Max Schireson: Because the IoT and big data are such hot topics right now, it is very easy to dive straight into the technology, rather than thinking first about the business objectives of the project. Much more important than the technology, you need to think about what it is the business is trying to achieve, and bring together the stakeholders, i.e. the business units, your customers, your partners, and the IT teams who will work on delivering the enabling technology. Maybe even competitors, as interconnectivity and integration are key in IoT ecosystems. You shouldn’t be going to stakeholders, and especially not to customers, talking about the IoT itself. You need to frame the conversation around the benefits that IoT can deliver.

It is important that the project has strategic support at the most senior levels within the organization. Also, take time to learn from the success and failures of early movers. It is important to be explorative… Remember there are very few people who can really predict what future business models will look like, in much the same way that few predicted what the most successful business models would look like in the early days of the Internet.

You need to upskill – either by taking existing staff and training them or by going to third parties outside of the company to leverage their expertise. We would recommend starting with pilot projects that have a defined use case and work on a subset of devices and data. Measure, optimize, and measure again. If the project is successful – with concepts being proven and staff being trained – then get more ambitious.

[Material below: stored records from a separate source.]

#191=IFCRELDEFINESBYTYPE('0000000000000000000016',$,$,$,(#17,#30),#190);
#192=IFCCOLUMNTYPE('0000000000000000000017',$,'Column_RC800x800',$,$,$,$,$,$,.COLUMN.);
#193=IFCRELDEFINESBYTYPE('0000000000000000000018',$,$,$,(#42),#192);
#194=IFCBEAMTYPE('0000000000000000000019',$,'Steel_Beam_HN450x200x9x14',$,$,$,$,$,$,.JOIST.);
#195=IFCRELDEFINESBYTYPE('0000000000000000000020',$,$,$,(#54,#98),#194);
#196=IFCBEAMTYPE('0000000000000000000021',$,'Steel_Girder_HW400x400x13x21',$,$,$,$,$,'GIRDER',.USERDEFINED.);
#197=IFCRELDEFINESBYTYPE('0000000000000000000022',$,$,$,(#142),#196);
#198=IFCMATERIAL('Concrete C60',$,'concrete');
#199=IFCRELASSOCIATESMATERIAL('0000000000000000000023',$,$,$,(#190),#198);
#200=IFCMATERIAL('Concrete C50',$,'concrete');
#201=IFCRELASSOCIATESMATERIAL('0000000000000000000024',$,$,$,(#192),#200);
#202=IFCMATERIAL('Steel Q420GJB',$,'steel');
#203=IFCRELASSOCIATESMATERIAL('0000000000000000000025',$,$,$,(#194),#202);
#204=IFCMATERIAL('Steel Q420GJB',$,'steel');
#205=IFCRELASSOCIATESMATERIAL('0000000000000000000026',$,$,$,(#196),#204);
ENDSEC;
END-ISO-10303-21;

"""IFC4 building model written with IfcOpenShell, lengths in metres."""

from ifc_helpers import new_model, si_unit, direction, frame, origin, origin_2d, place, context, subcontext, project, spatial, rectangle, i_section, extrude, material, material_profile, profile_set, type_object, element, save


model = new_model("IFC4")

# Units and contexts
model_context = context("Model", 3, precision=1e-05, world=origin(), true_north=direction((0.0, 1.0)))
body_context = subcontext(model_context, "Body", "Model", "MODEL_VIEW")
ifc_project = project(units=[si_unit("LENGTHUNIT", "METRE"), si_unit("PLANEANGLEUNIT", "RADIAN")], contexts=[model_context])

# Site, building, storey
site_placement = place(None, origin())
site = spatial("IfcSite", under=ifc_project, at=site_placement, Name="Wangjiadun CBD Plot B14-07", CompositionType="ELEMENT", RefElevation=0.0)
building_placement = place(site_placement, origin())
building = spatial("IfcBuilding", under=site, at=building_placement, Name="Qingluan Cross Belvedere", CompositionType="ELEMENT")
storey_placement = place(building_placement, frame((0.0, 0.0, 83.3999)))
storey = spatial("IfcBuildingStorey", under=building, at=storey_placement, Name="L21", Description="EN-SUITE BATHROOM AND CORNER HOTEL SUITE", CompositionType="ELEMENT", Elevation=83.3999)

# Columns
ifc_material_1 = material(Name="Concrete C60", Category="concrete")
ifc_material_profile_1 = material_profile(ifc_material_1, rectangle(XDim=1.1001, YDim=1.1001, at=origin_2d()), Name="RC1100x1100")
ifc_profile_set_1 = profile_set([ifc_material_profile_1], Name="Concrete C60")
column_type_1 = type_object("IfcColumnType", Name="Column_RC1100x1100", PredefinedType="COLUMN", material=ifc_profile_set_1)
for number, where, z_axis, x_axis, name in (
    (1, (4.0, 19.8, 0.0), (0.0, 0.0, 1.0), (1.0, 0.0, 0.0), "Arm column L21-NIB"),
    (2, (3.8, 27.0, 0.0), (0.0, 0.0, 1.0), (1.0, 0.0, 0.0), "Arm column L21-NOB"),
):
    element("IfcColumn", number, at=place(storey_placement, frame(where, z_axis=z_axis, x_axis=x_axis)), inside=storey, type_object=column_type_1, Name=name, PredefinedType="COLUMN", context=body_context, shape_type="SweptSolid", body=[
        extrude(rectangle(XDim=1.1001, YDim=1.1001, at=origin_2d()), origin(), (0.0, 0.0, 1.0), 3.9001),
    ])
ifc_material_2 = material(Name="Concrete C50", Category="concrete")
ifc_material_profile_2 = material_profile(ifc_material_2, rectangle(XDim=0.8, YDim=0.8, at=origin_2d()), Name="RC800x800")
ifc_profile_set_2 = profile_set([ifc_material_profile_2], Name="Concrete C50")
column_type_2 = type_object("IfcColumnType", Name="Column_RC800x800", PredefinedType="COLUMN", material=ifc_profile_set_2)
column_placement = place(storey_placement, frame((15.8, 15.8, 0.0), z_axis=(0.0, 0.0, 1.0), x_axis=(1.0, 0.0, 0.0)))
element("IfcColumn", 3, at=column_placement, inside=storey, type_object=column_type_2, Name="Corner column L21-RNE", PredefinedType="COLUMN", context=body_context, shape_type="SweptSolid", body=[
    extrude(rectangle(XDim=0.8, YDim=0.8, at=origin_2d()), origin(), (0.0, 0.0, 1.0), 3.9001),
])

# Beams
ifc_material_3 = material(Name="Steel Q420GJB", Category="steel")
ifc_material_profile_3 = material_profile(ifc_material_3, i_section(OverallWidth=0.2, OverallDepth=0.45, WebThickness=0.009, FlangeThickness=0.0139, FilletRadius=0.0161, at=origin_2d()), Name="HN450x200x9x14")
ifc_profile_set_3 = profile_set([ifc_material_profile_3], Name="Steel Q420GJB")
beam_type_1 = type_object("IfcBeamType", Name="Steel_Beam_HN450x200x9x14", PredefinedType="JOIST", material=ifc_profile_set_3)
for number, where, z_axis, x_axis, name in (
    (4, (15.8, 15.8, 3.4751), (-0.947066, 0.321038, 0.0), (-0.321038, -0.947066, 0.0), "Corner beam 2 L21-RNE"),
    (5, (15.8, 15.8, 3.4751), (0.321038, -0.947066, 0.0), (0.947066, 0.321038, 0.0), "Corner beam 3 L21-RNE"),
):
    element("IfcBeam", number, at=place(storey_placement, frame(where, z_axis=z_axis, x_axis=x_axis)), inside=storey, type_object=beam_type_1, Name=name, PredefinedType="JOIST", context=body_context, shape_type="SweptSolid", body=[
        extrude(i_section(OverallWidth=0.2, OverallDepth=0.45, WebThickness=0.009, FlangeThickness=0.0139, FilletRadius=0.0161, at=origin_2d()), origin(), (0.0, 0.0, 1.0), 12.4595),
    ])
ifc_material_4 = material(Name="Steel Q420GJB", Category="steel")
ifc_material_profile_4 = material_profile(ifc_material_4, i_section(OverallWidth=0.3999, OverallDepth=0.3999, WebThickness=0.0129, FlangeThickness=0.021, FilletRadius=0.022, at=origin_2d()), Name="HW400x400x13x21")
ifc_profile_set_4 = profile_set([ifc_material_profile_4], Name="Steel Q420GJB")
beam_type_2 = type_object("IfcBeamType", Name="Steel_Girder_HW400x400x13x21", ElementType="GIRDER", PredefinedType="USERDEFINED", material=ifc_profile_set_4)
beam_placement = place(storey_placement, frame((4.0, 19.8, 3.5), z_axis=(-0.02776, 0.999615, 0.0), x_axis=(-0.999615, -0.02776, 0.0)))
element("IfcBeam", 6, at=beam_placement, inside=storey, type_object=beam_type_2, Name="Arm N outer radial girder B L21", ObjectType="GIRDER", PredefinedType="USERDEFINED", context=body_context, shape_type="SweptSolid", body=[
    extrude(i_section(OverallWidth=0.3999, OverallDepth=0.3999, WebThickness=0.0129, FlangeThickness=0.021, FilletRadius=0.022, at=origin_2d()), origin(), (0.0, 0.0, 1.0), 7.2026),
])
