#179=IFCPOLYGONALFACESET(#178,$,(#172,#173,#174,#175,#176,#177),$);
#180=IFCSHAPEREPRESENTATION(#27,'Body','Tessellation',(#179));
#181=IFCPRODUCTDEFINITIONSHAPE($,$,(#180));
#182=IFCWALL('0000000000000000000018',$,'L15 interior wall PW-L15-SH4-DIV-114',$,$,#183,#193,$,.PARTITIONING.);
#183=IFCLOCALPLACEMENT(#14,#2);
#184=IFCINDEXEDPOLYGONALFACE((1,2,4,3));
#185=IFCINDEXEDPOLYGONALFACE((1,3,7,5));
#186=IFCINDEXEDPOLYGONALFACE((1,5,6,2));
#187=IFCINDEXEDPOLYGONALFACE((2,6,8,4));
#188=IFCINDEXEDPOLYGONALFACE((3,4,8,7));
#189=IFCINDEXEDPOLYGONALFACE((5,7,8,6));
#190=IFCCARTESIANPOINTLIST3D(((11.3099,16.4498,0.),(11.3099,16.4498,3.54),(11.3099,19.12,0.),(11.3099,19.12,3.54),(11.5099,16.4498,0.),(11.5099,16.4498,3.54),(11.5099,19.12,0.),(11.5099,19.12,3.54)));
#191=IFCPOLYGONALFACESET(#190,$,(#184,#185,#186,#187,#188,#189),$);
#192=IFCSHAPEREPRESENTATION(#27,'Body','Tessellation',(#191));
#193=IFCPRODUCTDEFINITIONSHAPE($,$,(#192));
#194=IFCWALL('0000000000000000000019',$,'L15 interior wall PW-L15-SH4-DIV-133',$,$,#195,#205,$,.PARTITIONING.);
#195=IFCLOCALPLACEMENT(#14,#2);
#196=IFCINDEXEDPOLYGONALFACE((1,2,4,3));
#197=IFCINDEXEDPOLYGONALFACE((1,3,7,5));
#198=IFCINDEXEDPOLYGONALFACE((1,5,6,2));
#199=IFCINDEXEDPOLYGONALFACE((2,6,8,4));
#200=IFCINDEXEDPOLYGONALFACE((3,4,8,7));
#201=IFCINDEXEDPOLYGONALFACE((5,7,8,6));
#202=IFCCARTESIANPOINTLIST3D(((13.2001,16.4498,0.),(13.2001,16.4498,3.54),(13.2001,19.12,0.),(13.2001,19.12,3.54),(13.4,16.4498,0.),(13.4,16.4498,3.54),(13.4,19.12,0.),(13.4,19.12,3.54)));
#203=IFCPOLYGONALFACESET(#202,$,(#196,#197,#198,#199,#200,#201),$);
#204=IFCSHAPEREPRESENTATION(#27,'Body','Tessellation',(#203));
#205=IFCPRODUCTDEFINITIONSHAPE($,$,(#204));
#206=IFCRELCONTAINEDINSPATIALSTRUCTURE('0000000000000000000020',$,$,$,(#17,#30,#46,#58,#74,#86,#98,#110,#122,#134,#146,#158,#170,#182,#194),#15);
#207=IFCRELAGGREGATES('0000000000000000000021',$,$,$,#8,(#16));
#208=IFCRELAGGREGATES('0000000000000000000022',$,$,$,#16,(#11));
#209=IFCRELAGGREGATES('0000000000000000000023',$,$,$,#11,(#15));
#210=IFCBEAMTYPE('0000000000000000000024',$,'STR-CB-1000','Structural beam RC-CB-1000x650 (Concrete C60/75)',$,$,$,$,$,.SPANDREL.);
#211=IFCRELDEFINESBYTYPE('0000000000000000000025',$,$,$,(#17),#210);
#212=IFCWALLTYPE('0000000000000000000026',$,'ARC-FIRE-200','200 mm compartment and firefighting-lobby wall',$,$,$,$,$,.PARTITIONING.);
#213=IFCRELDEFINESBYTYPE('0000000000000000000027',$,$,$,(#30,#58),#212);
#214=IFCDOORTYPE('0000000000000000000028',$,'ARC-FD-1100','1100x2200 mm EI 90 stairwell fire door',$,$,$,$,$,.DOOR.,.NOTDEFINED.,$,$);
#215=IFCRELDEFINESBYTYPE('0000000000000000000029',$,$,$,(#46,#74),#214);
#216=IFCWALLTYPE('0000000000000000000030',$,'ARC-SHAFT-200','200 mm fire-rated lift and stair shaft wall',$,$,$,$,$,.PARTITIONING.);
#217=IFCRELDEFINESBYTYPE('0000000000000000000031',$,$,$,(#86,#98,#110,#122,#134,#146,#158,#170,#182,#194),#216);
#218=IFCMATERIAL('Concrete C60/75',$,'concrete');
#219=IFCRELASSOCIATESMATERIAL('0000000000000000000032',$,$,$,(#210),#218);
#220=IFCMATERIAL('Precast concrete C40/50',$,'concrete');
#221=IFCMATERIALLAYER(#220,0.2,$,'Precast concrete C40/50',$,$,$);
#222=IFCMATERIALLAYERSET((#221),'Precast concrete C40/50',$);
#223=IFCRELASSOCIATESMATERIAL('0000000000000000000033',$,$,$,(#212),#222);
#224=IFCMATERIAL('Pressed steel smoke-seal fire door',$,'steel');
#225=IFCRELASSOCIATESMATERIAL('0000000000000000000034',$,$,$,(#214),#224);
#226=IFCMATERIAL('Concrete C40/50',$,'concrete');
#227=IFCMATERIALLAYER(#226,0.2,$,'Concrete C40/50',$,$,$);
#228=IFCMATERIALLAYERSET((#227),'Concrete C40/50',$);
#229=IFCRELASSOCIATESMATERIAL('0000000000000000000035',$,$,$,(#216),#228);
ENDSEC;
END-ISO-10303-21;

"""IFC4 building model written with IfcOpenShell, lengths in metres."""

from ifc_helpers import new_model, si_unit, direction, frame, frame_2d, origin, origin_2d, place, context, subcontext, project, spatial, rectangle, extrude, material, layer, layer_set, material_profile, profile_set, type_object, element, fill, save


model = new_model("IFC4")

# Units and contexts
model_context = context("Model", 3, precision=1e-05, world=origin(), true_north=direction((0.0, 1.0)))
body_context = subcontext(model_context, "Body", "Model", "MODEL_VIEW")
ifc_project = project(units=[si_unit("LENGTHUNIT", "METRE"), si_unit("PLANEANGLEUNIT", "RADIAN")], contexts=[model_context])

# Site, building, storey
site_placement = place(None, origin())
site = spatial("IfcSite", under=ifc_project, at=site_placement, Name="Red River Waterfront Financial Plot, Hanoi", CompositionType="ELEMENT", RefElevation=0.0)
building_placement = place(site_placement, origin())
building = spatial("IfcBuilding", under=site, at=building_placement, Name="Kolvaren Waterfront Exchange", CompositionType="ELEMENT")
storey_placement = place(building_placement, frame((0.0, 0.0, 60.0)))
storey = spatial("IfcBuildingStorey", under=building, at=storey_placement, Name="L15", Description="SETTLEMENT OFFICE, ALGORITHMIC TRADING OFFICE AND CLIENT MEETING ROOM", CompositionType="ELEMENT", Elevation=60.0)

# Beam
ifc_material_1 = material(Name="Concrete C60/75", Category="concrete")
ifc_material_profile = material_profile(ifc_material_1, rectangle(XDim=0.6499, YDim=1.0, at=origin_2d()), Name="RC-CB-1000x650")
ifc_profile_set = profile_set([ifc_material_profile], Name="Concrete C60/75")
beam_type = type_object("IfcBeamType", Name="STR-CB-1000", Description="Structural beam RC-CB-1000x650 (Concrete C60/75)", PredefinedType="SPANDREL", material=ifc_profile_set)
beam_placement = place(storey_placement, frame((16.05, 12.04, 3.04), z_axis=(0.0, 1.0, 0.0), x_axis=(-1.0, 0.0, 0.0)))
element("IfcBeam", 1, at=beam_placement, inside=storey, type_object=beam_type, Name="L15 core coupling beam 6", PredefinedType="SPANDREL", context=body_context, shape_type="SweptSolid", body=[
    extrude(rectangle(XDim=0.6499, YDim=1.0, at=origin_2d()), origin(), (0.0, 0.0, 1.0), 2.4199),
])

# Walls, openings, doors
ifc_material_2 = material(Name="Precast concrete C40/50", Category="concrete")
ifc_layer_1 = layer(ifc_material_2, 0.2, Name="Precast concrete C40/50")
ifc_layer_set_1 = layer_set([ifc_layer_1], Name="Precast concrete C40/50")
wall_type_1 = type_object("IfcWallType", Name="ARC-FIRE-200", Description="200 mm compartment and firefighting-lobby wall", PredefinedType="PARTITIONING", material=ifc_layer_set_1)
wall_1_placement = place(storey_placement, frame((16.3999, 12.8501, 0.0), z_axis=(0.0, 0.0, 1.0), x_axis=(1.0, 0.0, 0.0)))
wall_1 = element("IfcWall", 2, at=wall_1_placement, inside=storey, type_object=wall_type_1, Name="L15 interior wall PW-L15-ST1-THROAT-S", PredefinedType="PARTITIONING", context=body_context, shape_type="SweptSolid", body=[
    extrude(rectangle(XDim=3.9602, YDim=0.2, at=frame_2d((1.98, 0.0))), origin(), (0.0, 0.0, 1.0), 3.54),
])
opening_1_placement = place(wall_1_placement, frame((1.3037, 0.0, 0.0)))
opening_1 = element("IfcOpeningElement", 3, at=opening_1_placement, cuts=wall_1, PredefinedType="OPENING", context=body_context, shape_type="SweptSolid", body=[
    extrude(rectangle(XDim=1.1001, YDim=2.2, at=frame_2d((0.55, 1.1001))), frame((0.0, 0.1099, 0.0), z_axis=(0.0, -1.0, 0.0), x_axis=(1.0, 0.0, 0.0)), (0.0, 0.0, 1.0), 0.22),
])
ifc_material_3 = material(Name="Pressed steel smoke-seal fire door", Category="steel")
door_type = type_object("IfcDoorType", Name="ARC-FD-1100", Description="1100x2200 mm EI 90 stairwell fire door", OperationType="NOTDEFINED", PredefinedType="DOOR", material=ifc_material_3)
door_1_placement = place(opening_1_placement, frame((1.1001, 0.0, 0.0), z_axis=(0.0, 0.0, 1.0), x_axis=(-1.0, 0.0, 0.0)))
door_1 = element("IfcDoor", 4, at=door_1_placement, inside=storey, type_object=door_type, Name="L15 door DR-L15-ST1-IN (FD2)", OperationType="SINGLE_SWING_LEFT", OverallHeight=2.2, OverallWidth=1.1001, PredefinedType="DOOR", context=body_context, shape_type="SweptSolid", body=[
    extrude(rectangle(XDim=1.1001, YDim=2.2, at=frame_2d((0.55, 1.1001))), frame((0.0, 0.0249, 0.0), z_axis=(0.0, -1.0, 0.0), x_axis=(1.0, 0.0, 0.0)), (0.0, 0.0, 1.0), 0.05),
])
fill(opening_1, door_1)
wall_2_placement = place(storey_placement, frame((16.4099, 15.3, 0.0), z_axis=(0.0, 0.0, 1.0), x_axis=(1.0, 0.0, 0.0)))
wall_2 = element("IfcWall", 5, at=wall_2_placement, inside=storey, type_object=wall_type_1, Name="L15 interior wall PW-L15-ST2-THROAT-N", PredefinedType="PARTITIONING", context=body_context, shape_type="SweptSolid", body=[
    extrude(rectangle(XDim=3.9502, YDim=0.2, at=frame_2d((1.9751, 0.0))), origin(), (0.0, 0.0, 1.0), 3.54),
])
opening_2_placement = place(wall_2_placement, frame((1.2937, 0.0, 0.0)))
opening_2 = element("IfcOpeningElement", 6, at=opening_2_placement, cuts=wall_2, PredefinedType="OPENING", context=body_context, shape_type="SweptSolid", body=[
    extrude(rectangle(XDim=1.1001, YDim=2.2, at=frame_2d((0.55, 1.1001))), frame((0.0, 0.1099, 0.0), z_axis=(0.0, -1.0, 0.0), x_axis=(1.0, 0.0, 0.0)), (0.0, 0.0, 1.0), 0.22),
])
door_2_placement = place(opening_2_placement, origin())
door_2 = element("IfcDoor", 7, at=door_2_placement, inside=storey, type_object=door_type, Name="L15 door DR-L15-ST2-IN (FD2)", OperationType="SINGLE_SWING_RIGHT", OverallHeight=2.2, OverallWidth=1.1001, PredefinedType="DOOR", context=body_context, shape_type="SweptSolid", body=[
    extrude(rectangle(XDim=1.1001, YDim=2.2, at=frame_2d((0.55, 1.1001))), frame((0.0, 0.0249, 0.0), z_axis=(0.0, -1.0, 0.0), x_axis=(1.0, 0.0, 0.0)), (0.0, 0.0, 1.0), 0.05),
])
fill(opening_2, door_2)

Dirk Slama: Who is likely to benefit most from the IoT? Who is liable to lose the most?

Max Schireson: There is sometimes a perception that it’s just the makers of “things” that stand to benefit. This is completely wrong. Think about insurance companies who can optimize premiums by monitoring the behavior of their customers, or retailers who can optimize the entire farm-to-fork supply chain. The Economist estimates that 75% of companies are now planning for IoT at the most senior levels of the organization [Ref2]. Those companies who use the IoT and the data/insight it generates to create new business models and that can get closer to their customers will gain the most. Those who stick their heads in the sand will cease to exist.

Dirk Slama: What advice would you give to readers who are developing their strategy and implementation for big data and the IoT?

Max Schireson: Firstly, I would go back to the discussion points in mentioned above. When the team has selected the technologies that they plan to use, then there are some general best practices: Give them ramp-up time to understand the technology (training, reading, and conferences). Engage resources from vendors and service providers to assist in development of new projects. As the development progresses, share progress and best practices internally with tech talks, hackathons, and project wikis. Then start to expand, build a CoE when multiple projects are underway so best practices are institutionalized. There is so much innovation happening in this space, and so many technology choices, you need to keep an open mind. Just selecting a data management platform because it has successfully run your ERP platform for the past 15 years is not a good idea!